I primi mesi sono stati buoni. Preparavo il pranzo, andavo a prendere Sofia, portavo Max al parco giochi. Sandra tornava a casa dal lavoro alle cinque in una casa tranquilla. Adrian era più sereno sapendo che a casa tutto era in ordine. Avevo la mia stanza — quella più piccola vicino alla cucina — con il mio letto a scomparsa, il mio armadio e una foto di mio marito sul davanzale.

Ma verso il primo anno ho iniziato a notare cose che avrei preferito non vedere. Sandra, che una volta mi chiamava Mamma, è passata a qualcosa di più formale, più distante. Adrian, che chiamava ogni giorno dalla strada, ha iniziato a chiamare ogni tre giorni. La sera, quando entrambi erano a casa, sentivo voci basse dietro la porta della camera da letto. O non sentivo voci affatto.

Una sera Sofia è venuta nella mia stanza e ha detto: “Nonna, mamma e papà litigano di nuovo perché papà è via troppo”. Mi dicevo che ogni matrimonio ha le sue stagioni difficili. Mi dicevo che sarebbe passato.

Non è passato.

Adrian tornò da un viaggio un mercoledì di febbraio. Si sedette di fronte a me al tavolo della cucina — il nuovo piano di lavoro, quello che i miei soldi avevano pagato — e guardò la superficie invece di guardare me.

“Mamma”, disse piano. “Sandra e io stiamo divorziando.”

Prima che potessi parlare, Sandra apparve sulla soglia. Braccia incrociate. Un tono che non avevo mai sentito da lei prima.

“Adrian si trasferirà la prossima settimana. Quanto a te — questo appartamento è mio.
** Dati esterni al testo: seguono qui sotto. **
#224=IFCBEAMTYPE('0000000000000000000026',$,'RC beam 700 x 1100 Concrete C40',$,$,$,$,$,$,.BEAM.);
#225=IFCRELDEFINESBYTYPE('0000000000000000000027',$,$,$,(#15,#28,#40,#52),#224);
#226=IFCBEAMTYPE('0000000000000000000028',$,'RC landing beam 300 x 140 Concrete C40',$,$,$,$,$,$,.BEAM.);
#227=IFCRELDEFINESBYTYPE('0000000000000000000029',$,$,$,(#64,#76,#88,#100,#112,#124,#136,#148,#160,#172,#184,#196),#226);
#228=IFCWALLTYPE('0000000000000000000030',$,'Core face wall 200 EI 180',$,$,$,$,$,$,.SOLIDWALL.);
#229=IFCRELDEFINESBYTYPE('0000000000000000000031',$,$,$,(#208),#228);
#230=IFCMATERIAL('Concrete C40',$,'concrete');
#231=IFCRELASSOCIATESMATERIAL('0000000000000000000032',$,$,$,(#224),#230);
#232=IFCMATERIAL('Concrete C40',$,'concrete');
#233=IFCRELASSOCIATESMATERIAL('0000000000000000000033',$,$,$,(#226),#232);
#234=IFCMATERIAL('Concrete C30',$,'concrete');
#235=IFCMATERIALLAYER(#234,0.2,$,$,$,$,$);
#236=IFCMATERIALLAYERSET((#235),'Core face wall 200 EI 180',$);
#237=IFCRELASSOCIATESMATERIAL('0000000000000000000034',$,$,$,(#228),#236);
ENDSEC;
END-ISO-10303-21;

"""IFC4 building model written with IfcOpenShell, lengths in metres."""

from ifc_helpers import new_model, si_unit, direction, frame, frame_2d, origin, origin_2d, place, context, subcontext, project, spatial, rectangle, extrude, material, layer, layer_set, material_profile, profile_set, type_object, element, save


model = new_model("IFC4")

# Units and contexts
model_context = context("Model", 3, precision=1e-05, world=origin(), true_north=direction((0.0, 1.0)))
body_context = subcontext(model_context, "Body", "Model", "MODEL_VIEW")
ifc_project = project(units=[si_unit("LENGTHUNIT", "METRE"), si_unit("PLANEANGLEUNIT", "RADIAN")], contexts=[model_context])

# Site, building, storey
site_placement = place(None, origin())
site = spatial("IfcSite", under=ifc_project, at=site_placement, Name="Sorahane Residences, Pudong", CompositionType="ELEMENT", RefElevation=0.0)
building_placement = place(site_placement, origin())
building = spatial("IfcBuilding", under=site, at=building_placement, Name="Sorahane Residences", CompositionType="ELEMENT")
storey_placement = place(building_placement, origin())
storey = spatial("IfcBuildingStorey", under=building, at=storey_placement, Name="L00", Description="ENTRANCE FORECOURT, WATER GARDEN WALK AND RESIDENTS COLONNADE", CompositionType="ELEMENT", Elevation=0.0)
L’ho ereditato. L’atto è a mio nome. Sei benvenuta a rivendicare i soldi della ristrutturazione in tribunale, ma l’appartamento è mio, e vorrei che prendessi accordi per andartene.”

Nella stanza accanto, Max stava impilando i blocchi e parlando con se stesso. Sofia stava disegnando alla sua scrivania. I suoni ordinari di una casa ordinaria. E dentro di essa, il mio mondo era appena crollato.

Guardai Adrian e aspettai. Una frase era tutto quello di cui avevo bisogno. Una. Non disse nulla. Prese il telefono, uscì sul balcone e accese una sigaretta. Attraverso il vetro potevo vedere che le sue mani tremavano. Ma non parlò.

Quella notte mi sdraiai sul mio letto a scomparsa e guardai la fotografia di mio marito. Non avevo un appartamento dove tornare. I soldi erano finiti in quei muri, in quelle finestre, in quel piano di lavoro che mio figlio non riusciva a guardare.

Adrian affittò un monolocale dall’altra parte della città. Ventotto metri quadrati, una finestra che si affaccia su un parcheggio, pareti abbastanza sottili da sentire la televisione del vicino. Stava sulla soglia e disse: “Mamma, troveremo una soluzione.”

Andai da un avvocato. Mi disse chiaramente: l’appartamento era di Sandra, non c’erano dubbi. I soldi della ristrutturazione — eventualmente recuperabili, ma il trasferimento era andato sul conto di Adrian, non di Sandra. Un caso in tribunale. Mesi, forse anni. Nessuna garanzia.

Adesso siedo nel monolocale di Adrian e guardo le mie due valigie. Tutto ciò che ho dopo sessantaquattro anni di vita — due valigie, una fotografia e un centrino che ho preso dal vecchio appartamento mentre uscivo.

Sofia chiama ogni giorno. Chiede quando tornerò. Max grida il mio nome in sottofondo. Non so cosa dirgli.

Adrian dice che gli dispiace. Che non se lo aspettava. Che in qualche modo tutto andrà a posto. Lo dice con la stessa voce che usava quando mi disse di vendere il mio appartamento per poter stare insieme. E ci credo di nuovo — perché cosa mi resta se non la fiducia nel mio stesso figlio?

Ma di notte, quando non riesco a dormire, mi torna sempre in mente lo stesso pensiero: che gli accordi familiari — quelli non scritti, quelli sigillati con la fiducia invece che con le firme — sono gli accordi più fragili del mondo.

Hai dato tutto ciò che avevi a qualcuno di cui ti fidavi completamente — e ti hanno lasciato cadere. Li perdoneresti? O c’è un punto in cui l’amore semplicemente non basta più?